The bicyclic 4‐nitroimidazoles PA‐824 and OPC‐67683 represent a promising novel class of therapeutics for tuberculosis and are currently in phase II clinical development. Both compounds are pro‐drugs ...that are reductively activated by a deazaflavin (F420) dependent nitroreductase (Ddn). Herein we describe the biochemical properties of Ddn including the optimal enzymatic turnover conditions and substrate specificity. The preference of the enzyme for the (S) isomer of PA‐824 over the (R) isomer is directed by the presence of a long hydrophobic tail. Nitroimidazo‐oxazoles bearing only short alkyl substituents at the C‐7 position of the oxazole were reduced by Ddn without any stereochemical preference. However, with bulkier substitutions on the tail of the oxazole, Ddn displayed stereospecificity. Ddn mediated metabolism of PA‐824 results in the release of reactive nitrogen species. We have employed a direct chemiluminescence based nitric oxide (NO) detection assay to measure the kinetics of NO production by Ddn. Binding affinity of PA‐824 to Ddn was monitored through intrinsic fluorescence quenching of the protein facilitating a turnover‐independent assessment of affinity. Our results indicate that (R)‐PA‐824, despite not being turned over by Ddn, binds to the enzyme with the same affinity as the active (S) isomer. This result, in combination with docking studies in the active site, suggests that the (R) isomer probably has a different binding mode than the (S) with the C‐3 of the imidazole ring orienting in a non‐productive position with respect to the incoming hydride from F420. The results presented provide insight into the biochemical mechanism of reduction and elucidate structural features important for understanding substrate binding.
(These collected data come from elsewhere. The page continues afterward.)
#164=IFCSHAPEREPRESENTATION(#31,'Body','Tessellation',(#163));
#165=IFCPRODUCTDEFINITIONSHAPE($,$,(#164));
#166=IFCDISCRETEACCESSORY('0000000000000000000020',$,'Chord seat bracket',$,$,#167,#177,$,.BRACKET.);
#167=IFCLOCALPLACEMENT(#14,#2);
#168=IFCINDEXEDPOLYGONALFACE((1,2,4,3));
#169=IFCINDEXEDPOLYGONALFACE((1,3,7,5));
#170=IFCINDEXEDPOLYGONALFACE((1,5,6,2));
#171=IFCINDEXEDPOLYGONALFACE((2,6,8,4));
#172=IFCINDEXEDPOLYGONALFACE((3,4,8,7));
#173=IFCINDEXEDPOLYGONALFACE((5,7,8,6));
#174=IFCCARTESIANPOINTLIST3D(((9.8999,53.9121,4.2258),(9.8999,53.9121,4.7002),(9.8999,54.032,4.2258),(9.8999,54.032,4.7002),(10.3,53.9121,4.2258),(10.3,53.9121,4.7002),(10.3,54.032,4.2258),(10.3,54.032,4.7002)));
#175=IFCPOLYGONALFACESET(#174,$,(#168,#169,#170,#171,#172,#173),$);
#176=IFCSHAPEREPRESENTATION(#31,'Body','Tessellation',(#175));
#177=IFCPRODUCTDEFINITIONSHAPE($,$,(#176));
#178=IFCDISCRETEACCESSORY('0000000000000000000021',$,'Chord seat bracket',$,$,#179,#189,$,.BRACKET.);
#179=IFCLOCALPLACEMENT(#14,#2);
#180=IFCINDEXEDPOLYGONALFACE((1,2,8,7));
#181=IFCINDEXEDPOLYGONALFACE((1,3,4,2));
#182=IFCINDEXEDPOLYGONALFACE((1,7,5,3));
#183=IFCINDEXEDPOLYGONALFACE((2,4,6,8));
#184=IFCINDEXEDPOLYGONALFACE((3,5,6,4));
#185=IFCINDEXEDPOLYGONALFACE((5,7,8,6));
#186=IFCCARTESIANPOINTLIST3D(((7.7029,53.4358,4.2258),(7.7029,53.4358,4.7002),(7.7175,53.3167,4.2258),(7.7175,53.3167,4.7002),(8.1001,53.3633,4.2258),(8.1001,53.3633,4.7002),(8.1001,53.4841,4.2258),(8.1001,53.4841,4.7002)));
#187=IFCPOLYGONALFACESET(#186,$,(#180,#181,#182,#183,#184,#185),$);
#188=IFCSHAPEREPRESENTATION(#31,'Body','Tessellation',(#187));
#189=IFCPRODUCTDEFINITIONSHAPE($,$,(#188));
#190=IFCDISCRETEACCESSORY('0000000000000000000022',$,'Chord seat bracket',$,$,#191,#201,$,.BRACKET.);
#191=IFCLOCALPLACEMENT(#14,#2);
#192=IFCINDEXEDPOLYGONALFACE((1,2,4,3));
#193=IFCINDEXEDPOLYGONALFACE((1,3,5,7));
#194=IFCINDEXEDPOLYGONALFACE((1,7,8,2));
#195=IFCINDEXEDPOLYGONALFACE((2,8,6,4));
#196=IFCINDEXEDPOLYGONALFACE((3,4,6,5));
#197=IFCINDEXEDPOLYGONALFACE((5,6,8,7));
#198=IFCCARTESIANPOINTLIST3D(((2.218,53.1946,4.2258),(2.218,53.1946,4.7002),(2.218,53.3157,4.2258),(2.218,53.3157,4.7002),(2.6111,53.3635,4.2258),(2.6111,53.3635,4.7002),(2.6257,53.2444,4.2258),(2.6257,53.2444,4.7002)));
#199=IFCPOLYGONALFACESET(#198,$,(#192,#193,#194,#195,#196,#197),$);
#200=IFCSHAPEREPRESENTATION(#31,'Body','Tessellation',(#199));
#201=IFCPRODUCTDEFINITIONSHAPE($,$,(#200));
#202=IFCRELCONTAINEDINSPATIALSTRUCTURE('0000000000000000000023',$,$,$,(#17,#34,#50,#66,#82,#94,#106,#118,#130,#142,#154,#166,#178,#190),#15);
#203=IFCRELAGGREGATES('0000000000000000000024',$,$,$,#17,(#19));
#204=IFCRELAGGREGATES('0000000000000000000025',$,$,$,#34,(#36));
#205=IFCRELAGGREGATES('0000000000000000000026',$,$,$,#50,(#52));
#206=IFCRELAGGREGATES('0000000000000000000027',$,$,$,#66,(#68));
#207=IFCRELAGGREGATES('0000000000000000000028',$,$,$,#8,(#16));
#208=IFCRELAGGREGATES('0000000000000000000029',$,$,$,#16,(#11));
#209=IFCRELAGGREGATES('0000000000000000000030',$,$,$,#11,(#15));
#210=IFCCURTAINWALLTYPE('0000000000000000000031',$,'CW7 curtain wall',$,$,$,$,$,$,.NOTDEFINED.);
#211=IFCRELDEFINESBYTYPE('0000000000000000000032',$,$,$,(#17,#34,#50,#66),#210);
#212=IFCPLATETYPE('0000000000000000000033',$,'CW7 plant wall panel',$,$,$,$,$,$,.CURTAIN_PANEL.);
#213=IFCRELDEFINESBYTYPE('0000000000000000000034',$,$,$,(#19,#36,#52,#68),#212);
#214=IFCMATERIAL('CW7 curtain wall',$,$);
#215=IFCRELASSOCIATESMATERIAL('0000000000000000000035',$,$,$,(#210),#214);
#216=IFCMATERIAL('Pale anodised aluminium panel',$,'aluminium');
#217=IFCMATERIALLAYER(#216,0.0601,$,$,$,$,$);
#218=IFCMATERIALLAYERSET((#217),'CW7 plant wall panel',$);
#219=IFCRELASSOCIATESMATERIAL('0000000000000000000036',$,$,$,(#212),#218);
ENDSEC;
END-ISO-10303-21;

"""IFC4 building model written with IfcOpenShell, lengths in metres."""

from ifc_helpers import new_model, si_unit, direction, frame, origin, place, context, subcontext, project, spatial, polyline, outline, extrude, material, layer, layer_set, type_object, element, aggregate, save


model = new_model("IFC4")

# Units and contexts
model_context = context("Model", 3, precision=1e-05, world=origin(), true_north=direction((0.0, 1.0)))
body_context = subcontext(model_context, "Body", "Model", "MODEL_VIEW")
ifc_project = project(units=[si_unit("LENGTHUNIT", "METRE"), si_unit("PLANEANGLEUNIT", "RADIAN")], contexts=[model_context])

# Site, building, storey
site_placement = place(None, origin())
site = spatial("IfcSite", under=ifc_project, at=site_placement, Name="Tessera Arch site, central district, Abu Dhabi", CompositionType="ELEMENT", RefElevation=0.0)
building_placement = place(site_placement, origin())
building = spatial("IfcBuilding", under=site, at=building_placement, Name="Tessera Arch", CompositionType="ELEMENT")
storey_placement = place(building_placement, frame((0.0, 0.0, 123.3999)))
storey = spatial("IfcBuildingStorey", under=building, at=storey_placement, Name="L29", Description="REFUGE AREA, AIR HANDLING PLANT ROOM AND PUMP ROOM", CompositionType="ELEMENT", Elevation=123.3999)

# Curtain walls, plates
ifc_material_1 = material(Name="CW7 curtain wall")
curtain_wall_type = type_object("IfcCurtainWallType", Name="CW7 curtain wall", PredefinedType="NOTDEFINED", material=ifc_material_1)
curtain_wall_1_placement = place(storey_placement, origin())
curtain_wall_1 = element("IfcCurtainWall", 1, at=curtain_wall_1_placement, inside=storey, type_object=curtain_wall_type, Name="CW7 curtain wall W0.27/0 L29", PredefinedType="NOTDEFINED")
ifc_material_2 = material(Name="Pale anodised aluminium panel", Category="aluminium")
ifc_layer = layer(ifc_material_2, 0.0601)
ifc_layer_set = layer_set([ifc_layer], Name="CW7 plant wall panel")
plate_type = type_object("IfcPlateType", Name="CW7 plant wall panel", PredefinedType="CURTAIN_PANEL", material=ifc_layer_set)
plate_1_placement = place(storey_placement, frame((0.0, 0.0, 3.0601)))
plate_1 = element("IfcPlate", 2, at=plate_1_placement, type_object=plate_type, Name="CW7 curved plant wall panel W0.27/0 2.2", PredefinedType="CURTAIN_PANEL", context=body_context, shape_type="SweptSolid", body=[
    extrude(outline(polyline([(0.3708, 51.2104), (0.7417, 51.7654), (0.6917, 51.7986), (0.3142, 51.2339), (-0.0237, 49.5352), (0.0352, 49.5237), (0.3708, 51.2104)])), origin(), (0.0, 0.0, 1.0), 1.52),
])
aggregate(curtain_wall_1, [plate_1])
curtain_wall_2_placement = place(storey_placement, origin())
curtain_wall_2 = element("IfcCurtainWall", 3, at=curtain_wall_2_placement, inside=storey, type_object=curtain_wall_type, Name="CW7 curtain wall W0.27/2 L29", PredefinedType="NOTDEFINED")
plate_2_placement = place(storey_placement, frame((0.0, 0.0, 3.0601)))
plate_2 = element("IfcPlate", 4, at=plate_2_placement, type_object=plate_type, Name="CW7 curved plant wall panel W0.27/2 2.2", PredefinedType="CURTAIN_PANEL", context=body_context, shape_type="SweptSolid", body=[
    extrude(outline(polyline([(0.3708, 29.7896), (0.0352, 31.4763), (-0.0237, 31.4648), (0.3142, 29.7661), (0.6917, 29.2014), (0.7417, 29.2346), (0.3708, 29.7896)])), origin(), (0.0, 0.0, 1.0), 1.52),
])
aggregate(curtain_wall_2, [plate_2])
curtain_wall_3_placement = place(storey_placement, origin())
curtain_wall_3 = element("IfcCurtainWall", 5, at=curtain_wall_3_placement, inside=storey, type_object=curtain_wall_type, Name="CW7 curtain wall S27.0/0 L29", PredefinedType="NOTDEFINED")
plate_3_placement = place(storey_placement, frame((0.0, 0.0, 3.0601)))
PA‐824, a bicyclic‐nitroimidazole in clinical development against tuberculosis, is bioreductively activated by a deazaflavin (F420) dependent nitroreductase (Ddn). Substrate and stereospecificity of Ddn is directed by the presence of a long hydrophobic tail. (R)‐PA‐824 binds Ddn with the same affinity as the active (S)‐PA‐824, despite not being turned over. Docking studies suggest that (R)‐PA‐824 likely binds non‐productively to the enzyme.